Ashtanga Yoga is the eight-folded path of yoga. It is a specific yoga tradition, but at the same time Ashtanga Yoga can be seen as covering all aspects of yoga within any yoga tradition.
Ashtanga Yoga is often called Patanjali Yoga, referring to Maharishi Patanjali, the ancient author of the famous Patanjali yoga sutras that describe Ashtanga Yoga. More recently (15th century) the term Raja Yoga is also often used instead of Ashtanga Yoga, meaning “royal yoga”.
Ashtanga Yoga can be regarded as a fourth option next to the 3 typical paths of yoga, namely bhakti, karma and jnana yoga. While these yogas rather directly aim at dissolving the ego, Ashtanga Yoga does the same job but more indirectly through mind. The second sutra of Patanjali already makes it clear: by stopping the modifications of mind the objective of yoga is reached. In other words, stop thinking long enough and the ego will no longer be fed by concepts. As the ego is nothing but a body of concepts, it thus dissolves through a process called Samadhi (effortless meditation) and merges with cosmic consciousness, which is the union that is yoga.
As Ashtanga Yoga also includes many aspects of bhakti, jnana and karma yoga, it is an extremely powerful yogic tradition. Stopping mind is not exactly easy, but the eight methodical steps of Ashtanga yoga make it possible for anyone to achieve that goal. Step by step, kosha by kosha, all obstacles to stop mind are removed and the attention is brought inside until the meditation becomes effortless and the dissolution of the ego can start.
Following is an overview of the 8 limbs of Ashtanga yoga, described as practices:
Yama (control): a series of don’ts in contact with the world outside, so that our relationships as well as our energy remain harmonious, providing the peaceful background needed for deep meditation. The disciplines in Yama typically include nonviolence, truth, honesty, sexual continence, forbearance, fortitude, kindness, straightforwardness, moderation in diet & bodily purity.
Niyama (rules of conduct): a series of do’s that helping in detaching from the world and the ego.

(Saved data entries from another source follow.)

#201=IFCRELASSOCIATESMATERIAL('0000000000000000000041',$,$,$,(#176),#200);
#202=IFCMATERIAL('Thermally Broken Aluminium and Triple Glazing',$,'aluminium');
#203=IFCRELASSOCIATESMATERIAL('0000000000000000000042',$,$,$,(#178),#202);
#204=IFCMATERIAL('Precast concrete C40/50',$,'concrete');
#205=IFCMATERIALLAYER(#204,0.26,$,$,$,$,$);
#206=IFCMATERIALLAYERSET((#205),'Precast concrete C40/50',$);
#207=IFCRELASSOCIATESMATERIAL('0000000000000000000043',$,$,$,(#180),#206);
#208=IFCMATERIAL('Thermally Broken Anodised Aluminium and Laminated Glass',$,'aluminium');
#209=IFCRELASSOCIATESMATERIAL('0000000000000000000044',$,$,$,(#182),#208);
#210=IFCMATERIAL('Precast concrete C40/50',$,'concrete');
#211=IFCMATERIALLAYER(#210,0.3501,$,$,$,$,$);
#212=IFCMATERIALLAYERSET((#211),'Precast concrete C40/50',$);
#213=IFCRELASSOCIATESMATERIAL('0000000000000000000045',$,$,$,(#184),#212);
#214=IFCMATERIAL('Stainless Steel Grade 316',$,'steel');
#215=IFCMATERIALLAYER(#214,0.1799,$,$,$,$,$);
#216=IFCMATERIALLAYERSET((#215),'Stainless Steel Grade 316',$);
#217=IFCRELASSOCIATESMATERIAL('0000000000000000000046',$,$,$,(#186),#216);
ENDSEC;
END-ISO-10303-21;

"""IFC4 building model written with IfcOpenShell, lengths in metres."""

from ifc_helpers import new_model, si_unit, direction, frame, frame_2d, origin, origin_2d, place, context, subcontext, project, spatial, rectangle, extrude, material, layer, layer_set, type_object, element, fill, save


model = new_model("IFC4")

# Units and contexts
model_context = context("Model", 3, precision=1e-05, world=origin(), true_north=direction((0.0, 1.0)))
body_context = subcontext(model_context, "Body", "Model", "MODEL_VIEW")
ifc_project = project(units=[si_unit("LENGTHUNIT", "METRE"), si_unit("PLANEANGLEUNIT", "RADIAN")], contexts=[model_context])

Activities in Niyama typically consist of austerity, contentment, belief in God, charity, worship of God, study of teachings and scriptures, modesty, having a discerning mind, repetition of prayers, observance of vows and performing sacrifices.
Asana (posture): as a motionless body makes the mind quiet, and as an unstable body cannot remain motionless in deep meditation, many postures have been described of which at the least one sitting posture must be mastered in order to reach a deep state of meditation.

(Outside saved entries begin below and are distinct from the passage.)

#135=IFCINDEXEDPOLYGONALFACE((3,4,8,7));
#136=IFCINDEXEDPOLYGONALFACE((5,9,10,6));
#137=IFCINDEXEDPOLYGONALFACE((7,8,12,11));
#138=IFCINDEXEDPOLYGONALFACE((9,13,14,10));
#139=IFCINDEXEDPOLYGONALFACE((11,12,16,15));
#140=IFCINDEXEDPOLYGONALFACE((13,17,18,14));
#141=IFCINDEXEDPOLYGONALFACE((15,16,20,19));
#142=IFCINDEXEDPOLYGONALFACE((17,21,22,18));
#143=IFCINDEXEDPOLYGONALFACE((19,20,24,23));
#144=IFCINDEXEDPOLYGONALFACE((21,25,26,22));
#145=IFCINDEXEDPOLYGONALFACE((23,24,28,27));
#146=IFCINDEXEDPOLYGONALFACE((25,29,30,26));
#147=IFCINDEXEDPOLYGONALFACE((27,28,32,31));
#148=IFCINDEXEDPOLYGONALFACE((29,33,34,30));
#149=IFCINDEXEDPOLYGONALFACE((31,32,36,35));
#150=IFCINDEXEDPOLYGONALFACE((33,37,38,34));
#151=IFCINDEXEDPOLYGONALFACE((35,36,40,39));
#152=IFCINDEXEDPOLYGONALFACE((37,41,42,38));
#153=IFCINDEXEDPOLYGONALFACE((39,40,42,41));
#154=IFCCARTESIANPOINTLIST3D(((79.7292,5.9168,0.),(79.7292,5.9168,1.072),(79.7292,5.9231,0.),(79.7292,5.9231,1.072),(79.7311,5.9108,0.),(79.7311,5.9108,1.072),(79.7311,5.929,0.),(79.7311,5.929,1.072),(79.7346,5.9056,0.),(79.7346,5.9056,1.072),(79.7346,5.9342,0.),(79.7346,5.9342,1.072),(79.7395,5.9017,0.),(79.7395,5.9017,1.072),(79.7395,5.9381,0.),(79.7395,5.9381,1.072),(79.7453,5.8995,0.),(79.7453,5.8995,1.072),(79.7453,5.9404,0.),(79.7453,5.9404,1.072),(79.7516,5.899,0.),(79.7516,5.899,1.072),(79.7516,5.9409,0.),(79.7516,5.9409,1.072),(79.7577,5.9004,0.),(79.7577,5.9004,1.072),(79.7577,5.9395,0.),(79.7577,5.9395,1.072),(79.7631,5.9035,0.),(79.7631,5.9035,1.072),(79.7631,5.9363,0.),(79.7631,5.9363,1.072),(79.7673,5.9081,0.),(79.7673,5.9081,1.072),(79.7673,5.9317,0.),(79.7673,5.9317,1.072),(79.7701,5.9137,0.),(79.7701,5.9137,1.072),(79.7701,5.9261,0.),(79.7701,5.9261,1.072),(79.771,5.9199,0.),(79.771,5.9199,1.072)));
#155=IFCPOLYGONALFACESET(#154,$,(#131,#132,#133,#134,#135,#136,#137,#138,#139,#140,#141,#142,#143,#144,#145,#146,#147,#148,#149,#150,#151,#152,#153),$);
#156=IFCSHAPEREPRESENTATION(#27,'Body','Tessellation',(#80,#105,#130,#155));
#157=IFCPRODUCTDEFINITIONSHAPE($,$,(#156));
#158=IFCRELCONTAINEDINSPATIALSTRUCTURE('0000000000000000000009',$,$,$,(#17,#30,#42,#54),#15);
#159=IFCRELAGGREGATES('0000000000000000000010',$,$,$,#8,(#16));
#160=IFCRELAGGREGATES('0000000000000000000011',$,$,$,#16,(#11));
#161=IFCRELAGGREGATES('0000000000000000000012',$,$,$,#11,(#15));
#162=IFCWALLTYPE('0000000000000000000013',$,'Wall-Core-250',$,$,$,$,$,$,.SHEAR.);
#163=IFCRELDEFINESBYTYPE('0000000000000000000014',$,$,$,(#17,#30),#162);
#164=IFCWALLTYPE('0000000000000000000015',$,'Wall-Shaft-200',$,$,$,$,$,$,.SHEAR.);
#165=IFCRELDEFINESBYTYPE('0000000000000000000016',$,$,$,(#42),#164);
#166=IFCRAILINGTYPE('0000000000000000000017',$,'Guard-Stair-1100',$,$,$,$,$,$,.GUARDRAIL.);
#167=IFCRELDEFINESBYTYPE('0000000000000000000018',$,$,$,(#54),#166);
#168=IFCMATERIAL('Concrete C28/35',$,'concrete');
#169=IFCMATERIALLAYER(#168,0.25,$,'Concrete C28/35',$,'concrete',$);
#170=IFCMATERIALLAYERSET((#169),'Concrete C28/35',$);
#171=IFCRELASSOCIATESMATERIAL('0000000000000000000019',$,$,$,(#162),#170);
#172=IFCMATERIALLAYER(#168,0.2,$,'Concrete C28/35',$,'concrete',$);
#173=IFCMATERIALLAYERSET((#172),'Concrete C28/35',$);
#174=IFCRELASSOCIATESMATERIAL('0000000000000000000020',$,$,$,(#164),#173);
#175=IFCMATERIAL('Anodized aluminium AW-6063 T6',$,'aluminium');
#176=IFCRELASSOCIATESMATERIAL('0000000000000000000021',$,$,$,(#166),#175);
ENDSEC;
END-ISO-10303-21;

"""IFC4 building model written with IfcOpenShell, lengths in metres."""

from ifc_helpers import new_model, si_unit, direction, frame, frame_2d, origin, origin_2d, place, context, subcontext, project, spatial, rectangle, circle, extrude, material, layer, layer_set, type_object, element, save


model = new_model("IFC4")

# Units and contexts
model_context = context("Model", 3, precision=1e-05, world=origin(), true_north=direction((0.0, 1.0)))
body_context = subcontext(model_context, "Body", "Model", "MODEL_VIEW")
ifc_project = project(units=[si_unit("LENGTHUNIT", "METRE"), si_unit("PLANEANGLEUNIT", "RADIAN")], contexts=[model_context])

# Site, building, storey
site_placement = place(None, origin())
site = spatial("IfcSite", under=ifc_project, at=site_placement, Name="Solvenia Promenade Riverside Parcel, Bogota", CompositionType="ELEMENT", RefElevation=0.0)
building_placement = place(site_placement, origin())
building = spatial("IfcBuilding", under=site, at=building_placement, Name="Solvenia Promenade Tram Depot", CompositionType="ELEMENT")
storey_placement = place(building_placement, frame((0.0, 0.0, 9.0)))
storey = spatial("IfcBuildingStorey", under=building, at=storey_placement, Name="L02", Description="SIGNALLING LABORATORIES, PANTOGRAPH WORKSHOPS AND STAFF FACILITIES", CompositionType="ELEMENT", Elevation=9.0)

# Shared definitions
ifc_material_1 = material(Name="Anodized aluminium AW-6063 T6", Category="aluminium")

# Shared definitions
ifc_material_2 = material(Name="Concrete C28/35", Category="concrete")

Pranayama (control of breath): control of breath brings mind under control, while the main aim is to store the energy that will be needed when in deep meditation breathing has stopped.
Pratyahara (withdrawal of sensory perceptions) : removing the attention from sensory input, so that it ceases to disturb meditation. This may be preceded by some focus on purifying sensory input, such as in rituals, use of meditative sounds, etc… Ultimately prana is withdrawn from the nadis that transport sensory input.

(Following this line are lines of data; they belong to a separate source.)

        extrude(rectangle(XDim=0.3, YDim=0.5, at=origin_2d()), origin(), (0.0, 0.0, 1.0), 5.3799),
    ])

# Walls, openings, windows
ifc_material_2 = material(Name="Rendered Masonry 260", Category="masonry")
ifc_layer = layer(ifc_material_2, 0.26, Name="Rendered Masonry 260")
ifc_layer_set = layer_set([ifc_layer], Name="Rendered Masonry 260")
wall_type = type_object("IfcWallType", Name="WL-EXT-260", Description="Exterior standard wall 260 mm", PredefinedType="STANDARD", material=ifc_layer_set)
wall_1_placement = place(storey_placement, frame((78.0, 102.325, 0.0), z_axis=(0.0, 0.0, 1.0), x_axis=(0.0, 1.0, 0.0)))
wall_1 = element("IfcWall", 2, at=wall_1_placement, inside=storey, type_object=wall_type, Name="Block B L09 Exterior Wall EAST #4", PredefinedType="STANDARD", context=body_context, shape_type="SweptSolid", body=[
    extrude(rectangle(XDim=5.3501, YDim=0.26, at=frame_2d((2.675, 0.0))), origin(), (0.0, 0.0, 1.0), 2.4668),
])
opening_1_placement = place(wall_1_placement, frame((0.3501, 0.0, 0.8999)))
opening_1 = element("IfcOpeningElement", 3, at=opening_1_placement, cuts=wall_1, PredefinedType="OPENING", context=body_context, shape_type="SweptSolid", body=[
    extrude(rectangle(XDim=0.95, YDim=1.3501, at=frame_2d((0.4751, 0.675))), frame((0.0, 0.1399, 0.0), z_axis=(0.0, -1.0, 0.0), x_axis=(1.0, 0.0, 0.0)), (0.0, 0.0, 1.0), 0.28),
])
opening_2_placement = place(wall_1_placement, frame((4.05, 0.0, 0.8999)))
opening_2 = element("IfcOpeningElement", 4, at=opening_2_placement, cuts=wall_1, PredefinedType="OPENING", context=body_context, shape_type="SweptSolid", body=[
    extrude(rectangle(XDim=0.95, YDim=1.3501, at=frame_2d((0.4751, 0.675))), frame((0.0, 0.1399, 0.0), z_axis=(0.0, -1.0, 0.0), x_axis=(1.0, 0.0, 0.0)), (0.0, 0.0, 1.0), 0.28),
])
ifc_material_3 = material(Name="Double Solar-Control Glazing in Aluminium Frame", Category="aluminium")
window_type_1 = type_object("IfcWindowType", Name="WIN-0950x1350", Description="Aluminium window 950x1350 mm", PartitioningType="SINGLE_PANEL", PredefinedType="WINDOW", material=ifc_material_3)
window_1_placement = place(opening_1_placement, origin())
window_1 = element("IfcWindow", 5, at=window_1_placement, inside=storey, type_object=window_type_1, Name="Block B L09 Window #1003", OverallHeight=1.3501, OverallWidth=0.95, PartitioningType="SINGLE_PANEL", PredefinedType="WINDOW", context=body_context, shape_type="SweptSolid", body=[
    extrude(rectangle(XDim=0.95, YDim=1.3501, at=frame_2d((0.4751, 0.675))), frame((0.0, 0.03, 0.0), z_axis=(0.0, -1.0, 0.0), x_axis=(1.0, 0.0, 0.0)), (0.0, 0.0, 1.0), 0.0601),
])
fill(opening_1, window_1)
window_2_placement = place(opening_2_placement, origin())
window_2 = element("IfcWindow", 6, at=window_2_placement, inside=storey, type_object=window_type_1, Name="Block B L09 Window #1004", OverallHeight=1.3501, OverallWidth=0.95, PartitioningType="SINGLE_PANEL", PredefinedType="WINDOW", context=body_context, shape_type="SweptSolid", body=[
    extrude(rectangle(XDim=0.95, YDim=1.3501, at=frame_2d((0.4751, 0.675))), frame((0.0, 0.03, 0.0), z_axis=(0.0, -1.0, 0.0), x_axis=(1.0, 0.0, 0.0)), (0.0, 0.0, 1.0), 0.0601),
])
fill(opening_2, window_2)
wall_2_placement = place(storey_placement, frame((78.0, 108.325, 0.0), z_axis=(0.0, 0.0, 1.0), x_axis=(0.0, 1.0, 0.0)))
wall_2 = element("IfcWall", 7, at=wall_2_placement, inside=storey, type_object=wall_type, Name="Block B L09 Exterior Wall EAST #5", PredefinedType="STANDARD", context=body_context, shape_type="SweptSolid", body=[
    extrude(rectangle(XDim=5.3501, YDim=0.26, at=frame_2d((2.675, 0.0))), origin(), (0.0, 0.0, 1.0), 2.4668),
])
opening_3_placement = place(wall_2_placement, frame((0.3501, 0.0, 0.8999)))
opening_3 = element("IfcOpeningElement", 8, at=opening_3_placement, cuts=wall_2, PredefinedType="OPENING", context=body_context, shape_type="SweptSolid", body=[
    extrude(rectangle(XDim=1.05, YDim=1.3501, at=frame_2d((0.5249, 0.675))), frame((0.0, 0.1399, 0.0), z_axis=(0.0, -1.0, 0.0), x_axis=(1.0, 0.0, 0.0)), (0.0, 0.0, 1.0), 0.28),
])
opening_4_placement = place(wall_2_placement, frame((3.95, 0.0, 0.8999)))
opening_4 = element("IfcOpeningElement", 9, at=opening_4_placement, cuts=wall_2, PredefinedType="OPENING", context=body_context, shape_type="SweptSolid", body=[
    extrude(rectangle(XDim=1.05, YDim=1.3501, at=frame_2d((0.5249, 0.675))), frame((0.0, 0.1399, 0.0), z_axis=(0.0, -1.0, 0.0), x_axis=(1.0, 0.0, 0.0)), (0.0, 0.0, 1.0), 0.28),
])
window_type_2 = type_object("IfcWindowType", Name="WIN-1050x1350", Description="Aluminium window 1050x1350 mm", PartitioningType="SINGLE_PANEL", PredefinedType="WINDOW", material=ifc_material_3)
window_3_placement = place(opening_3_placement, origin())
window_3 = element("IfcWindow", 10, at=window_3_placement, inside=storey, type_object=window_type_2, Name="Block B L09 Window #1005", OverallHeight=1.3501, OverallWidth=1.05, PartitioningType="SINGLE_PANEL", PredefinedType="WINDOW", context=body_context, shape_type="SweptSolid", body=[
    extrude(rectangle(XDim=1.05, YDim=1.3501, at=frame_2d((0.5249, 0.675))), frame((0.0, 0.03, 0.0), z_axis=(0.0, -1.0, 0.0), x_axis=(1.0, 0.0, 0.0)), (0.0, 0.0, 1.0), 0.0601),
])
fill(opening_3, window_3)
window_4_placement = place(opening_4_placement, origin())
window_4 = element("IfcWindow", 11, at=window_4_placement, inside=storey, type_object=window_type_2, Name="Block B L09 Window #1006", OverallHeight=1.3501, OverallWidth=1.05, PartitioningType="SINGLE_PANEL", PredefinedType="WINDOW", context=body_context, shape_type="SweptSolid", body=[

Dharana (concentration): the focus of mind on any single object, for example a mantra, or deep concentration on the six subtle centers of the chakras, starting from the first and gradually approaching the seventh, etc…
Dhyana (uninterrupted meditation): in which the concentration is uninterrupted, without a single disturbing thought, though this concentration still requires some effort.
Samadhi (effortless meditation, absorption, equilibrium): concentration is maintained, but it requires no effort. This stage allows for a rather long purification process through which the individual consciousness is finally dissolved in pure cosmic consciousness.
After a prolonged practice of samadhi there is no need to practice any longer, because the conscious connection to the divine is everlasting, which is called natural samadhi. Ultimately it leads to enlightenment.